# Pioneer Premier DVC



## Nismo1997 (Dec 26, 2003)

I got a pair of pioneer premier that are daul voice coils, I was wonderin wha is the best way on hookin them up(wiring them together)

http://akamaipix.crutchfield.com/graphics/infolib/carlib/subs/2_2ohmDVC_05ohm.gif

or should i do it like this?
http://akamaipix.crutchfield.com/graphics/infolib/carlib/subs/2_2ohmDVC_8ohm.gif


----------



## Ninety-Nine SE-L (May 5, 2002)

go with this one:
http://akamaipix.crutchfield.com/graphics/infolib/carlib/subs/2_2ohmDVC_05ohm.gif

Since you said each coil is 8 OHM, you will net 2 OHM (or 8/4)
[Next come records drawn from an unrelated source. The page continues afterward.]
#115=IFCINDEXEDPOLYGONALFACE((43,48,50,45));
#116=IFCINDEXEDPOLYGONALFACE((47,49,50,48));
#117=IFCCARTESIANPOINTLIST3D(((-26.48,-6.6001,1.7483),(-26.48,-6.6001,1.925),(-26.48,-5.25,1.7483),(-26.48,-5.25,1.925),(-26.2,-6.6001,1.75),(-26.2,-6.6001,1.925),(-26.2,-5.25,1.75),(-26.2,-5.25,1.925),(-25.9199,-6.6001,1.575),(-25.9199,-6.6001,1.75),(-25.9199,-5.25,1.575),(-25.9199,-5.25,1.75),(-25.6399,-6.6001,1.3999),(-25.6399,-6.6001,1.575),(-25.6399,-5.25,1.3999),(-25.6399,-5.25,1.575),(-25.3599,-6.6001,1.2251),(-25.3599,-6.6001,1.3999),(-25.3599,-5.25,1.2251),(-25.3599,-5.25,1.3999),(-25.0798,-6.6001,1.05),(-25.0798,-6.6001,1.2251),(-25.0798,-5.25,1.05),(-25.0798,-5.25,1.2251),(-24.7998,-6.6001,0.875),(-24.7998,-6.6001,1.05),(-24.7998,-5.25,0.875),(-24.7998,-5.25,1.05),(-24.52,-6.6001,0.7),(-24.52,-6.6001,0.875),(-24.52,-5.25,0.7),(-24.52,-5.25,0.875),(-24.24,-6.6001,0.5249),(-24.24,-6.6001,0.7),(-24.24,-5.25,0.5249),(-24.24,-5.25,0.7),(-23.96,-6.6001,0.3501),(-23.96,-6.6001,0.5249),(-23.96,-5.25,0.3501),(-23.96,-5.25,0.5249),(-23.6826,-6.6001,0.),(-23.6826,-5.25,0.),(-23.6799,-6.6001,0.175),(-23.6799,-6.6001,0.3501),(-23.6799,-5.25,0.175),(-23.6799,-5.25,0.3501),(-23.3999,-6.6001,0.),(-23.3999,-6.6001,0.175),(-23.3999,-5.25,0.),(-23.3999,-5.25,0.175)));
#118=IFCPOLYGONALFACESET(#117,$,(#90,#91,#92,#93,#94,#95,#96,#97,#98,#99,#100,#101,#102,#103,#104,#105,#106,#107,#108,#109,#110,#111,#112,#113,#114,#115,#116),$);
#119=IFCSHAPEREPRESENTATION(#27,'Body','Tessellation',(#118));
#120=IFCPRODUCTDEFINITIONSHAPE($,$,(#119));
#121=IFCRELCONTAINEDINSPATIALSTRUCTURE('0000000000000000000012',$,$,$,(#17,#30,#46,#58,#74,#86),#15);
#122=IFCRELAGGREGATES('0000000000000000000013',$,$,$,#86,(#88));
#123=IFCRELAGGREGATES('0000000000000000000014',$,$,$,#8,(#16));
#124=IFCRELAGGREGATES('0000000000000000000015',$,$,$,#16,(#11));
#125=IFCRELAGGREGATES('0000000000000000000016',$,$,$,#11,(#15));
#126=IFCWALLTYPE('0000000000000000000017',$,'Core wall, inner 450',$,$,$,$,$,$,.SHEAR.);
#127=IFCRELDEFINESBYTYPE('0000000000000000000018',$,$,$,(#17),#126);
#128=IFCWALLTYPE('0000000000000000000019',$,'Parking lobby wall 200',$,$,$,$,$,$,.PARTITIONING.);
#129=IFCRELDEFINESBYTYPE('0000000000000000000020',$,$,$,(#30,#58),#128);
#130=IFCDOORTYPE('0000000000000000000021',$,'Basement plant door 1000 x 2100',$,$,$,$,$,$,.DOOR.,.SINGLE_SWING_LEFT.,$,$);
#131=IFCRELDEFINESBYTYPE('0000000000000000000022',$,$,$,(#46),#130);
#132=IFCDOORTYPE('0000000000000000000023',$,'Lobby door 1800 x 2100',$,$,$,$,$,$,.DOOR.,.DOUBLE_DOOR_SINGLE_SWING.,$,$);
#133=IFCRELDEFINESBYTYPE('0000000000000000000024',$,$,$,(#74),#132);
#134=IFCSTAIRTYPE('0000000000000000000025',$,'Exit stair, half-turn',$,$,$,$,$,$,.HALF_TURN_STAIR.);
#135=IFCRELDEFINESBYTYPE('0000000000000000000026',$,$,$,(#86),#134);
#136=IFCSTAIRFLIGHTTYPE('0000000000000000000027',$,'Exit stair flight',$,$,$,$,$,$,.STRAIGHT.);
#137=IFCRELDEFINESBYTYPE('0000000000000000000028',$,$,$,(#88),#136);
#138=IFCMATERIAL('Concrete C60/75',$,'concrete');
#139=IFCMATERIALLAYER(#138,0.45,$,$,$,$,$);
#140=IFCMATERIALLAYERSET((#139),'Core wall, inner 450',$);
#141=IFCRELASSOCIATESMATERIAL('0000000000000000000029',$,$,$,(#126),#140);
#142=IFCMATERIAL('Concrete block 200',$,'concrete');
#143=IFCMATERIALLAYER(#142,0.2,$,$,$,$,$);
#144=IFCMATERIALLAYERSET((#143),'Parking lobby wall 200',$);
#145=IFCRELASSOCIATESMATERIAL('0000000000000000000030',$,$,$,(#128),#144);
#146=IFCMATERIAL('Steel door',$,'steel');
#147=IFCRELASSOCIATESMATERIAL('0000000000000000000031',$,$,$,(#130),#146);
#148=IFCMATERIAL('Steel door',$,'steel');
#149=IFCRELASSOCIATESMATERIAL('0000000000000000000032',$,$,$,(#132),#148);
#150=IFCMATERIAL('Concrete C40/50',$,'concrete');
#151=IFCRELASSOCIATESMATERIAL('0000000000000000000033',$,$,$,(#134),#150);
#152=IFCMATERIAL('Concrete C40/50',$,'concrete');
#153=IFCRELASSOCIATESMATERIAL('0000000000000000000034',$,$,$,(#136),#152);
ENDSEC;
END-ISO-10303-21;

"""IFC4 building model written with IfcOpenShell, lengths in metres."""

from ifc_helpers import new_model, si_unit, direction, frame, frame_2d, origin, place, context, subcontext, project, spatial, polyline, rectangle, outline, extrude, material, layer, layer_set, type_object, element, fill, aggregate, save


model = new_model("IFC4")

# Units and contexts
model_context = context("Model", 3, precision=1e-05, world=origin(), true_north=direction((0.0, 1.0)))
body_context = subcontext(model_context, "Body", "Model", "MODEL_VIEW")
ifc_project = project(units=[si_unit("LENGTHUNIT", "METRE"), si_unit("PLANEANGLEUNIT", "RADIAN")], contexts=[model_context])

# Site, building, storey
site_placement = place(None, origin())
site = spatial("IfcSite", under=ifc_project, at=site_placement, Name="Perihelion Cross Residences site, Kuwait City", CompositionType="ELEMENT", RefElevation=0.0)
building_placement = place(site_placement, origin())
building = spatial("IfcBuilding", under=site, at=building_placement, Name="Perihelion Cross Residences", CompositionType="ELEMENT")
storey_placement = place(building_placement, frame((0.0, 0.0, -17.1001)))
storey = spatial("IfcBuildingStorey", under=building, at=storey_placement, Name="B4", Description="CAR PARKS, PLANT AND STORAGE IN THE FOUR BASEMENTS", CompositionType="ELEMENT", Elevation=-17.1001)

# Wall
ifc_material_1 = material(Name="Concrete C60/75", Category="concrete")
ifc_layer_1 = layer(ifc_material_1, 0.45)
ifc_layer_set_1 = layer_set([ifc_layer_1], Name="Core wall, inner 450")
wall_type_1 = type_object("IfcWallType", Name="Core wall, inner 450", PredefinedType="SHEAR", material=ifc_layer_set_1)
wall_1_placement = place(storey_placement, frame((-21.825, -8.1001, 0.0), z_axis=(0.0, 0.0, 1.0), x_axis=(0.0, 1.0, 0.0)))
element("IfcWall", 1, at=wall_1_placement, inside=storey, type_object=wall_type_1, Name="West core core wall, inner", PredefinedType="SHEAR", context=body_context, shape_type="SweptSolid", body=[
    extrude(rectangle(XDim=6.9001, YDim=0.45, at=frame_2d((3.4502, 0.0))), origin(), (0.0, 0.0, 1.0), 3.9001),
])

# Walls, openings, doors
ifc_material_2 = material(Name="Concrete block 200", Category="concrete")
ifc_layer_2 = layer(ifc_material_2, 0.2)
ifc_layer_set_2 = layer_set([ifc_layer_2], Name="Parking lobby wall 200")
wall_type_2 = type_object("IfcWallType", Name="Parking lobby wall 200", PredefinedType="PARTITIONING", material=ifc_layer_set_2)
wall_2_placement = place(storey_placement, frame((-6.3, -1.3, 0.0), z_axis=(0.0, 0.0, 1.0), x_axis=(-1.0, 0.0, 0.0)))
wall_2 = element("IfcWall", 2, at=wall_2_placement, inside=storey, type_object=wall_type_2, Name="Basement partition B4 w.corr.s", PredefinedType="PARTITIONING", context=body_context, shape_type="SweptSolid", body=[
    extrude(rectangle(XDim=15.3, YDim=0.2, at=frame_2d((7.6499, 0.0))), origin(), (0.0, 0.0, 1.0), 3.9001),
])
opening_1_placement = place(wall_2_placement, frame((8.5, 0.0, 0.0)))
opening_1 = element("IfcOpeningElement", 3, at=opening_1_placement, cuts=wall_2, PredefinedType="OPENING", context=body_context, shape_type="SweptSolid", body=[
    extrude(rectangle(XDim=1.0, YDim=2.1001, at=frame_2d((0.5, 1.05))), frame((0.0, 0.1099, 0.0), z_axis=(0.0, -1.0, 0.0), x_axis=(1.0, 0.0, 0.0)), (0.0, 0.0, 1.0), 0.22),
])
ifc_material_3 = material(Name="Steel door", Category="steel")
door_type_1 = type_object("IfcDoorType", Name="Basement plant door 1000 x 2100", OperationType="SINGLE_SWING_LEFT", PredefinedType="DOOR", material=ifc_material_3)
2 OHM is a good value for the amp to use. <---1 chanel setup


----------



## sr20dem0n (Mar 19, 2003)

where did he say they're dual 8?


----------



## captain_shrapnel (Sep 10, 2004)

http://www.the12volt.com/caraudio/boxcalcs.asp

Use the calculators supplied by the site to figure out impedence. Treat each voice coil as its own speaker on the calculator. Add rms power requirements for speakers together to get total power handling.


----------



## Nismo1997 (Dec 26, 2003)

sr20dem0n said:


> where did he say they're dual 8?


Told him in a IM


----------



## Ninety-Nine SE-L (May 5, 2002)

so if they are 2 DVC subs at 8Ω, do we all agree that he should hook them all in parallel making it total 2Ω?

Also, someone talk him into a mono amp, I can't see anyone using a 2 channel amp on 2 subs.


----------



## sr20dem0n (Mar 19, 2003)

yeah parallel/parallel to 2ohm

you could use a 2ch amp if you wanted, but unless it was 2ohm stable bridged (1ohm stereo stable) you would be wasting half of the power. And if you did find one that was 2ohm stable bridged, it would be a LOT more expensive than a 2ohm stable mono amp of equivalent power.


----------



## captain_shrapnel (Sep 10, 2004)

Definitely parallel the drivers. VC's aren't as bad to run in series, but when you run drivers in series they create a lot more back-EMF which actually fights the current flow coming from the amp. The mass of the cone reverberating turns the voice coil into a small generator which moves electricity against the incoming power. Not something desirable.


----------